Hi - Natalie here! This year marks my 13th year at gcp so to celebrate (!) I was asked to turn the Dictaphone on myself and answer a few of the questions I’ve given to my colleagues over the last year.
What is your role in gcp?
I provide administrative support to the Directors, team and the office. My job title is Practice Manager, which tries to encapsulate what I would term as “high level” administrative support such as running our Quality and Environmental Management System, writing and implementing our marketing strategy and managing our current to future pipeline.
To provide administrative support in any small team is a funny business. There is always a steady flow of procedural work and reporting that is easy and repetitive, but most days I find myself with “special projects” which offer different challenges. This means the work is also often varied and interesting. No two weeks are the same; the tasks use a variety of skills, many of which don’t appear in my CV!
Admin always feels like too bland a description for what I consider to be a fast-paced, forward-thinking, multi-skilled, under-valued section of office work. Not everyone has what it takes to successfully do this job with ease and good humour, though in isolation the skills can seem quite easy.
Someone once said to me that you only notice admin staff when you have bad ones. That’s stuck with me over the years.
I value high-quality support staff and consider myself extremely lucky to work alongside Maria at gcp.
How have you seen gcp change in the years you have been here?
I joined gcp back in 2007 as Office Manager & Admin Assistant and the memories I have of those days are of time spent on the print room floor folding piles of drawings for a planning submission. And of blurry old fax machine receipts. Drawing tanks. Ring bound presentation folders. A QA system with about twenty lever arch files of paperwork.
To say technology has moved on in that time is probably an understatement but the rise of social media in particular has given me a whole new set of skills for our marketing strategy.
The other thing I’ve seen a change in globally is flexible working and the work life balance. There has been quite a buzz in the media lately with regards to inventive working strategies – Microsoft’s month-long trial of a four-day week back in August 2019 found that their employees were “happier” and “significantly more productive” during the Work-Life Choice Challenge.
I think gcp has always been ahead of the curve with this offering alternative working arrangements and supporting family commitments but nowadays we see more members of staff actually using 4 day weeks, 9 day fortnights, earlier start and finish times etc.
I’m quite lucky in that I often get to be at the front of championing new initiatives.
This interview was drafted before Lockdown 2020, but I’m interested to see how this shapes the new office environment going forward!

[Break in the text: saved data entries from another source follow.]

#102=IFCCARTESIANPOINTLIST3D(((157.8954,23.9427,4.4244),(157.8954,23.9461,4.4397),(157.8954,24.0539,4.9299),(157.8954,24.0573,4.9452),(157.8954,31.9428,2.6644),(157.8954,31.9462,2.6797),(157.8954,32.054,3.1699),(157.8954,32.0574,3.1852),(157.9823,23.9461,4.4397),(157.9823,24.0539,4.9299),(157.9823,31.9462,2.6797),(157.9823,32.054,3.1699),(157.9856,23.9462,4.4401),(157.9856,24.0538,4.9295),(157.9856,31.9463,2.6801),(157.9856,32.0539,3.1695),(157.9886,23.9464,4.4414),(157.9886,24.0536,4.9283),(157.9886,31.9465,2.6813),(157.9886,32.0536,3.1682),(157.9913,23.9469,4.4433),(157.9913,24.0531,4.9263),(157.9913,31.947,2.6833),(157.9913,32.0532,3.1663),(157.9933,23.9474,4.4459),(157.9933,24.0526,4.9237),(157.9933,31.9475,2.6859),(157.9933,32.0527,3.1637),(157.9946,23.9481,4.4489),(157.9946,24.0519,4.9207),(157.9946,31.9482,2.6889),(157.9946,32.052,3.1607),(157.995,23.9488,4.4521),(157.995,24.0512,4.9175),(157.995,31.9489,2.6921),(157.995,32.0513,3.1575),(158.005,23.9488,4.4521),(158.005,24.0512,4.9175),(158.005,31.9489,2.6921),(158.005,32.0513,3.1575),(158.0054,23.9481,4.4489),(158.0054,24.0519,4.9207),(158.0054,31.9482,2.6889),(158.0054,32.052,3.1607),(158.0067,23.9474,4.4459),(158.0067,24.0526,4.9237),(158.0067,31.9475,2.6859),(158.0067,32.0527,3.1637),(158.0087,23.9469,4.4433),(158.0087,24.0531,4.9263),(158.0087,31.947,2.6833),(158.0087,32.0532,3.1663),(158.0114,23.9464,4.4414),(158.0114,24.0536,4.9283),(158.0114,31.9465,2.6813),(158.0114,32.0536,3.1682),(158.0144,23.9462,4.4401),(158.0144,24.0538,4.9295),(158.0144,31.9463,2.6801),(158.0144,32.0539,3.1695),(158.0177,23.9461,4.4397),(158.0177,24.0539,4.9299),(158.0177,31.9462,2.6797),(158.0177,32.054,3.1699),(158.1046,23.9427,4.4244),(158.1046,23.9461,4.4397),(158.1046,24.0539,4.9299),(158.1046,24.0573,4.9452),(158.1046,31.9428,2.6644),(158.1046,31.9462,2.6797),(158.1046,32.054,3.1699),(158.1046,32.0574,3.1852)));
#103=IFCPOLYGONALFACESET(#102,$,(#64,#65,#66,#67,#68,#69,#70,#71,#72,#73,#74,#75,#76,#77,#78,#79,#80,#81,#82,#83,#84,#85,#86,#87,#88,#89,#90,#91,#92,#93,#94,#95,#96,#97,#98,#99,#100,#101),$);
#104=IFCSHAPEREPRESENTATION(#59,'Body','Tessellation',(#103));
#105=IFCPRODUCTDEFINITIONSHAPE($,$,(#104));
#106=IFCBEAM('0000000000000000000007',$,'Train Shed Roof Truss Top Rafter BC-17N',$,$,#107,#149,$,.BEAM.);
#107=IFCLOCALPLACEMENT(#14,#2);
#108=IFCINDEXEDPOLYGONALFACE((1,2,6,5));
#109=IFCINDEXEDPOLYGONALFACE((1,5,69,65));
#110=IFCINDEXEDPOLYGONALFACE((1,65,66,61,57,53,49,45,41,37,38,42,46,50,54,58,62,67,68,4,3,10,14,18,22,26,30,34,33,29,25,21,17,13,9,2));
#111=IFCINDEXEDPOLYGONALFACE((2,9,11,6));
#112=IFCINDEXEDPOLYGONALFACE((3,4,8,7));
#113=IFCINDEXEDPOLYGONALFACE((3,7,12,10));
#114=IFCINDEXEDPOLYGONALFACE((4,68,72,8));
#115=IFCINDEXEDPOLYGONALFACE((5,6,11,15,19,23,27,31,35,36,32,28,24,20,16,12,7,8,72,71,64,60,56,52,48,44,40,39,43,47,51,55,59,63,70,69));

Best moment at gcp in the last year?
For me, it has been the opportunity to mentor and support other members of the team through marketing subgroups which we created about a year ago. It’s been really inspiring to watch different members of the team take responsibility for parts of our marketing strategy and succeed brilliantly.
I also had a particularly fun December 2019. I devised and ran a festive schedule in the office for the second year in a row – including games, quizzes and hot chocolate – though I had a bit of a moan about the headspace it took up, it did liven up the office and made me feel very Christmassy.
This was topped off with a very entertaining afternoon out for our Christmas party. The team we currently have is incredibly diverse and genuinely a really nice bunch of people to hang out with.
What do you like to do in your spare time?
I love to write and to read. I aspire to be arty though I am often more interested in the planning and daydreaming than the execution. Daydreaming is my meditation. I’m obsessed with Pinterest.
I have more hobbies than anyone I know, and I am always learning something new and forgetting it in favour of something else.
I enjoy knitting, kneading bread, listening to music, laughing at my husband, cups of tea, cuddles with my kids, gin, autumn walks, frosty mornings, being near the water, meditation, picnics, sushi and going to farmers markets.
What is your proudest personal achievement?
Getting two poems published in the same edition of my university magazine. The head of the English department was a published writer, eloquent speaker and crazy, post-apocalyptic theorist. Its validating as a writer when someone who’s own work you regard as interesting, feels the same way about yours.
I was incredibly proud to be chosen back then because writing is a bit like putting your heart out there for other people to break. I imagine it’s much worse these days with social media. For me, it has gotten scarier as I’ve gotten older too. To be young is to be fearless when you are a creative.
Tell us something we might not know about you?
This is tricky! I am an open book and a bit of a chatter, which probably winds up some of my more introverted colleagues. I strive for authentic connections with people so try very hard to be honest in my interactions.
My party trick is that I can say the alphabet backwards. Oh, and did you know at one time I was a qualified personal trainer and exercise to music instructor?
If you didn’t work at gcp what would your dream job have been?
A writer.
Do professional readers exist? Perhaps a book editor.
I have been writing creatively since I was in primary school, short stories, and poetry. My degree was in English Literature and my dissertation was a creative writing portfolio for which I received First Class marks.
I absolutely love the written word, language and reading aloud and these things still take up a large part of my time away from work even if I am not getting paid for them!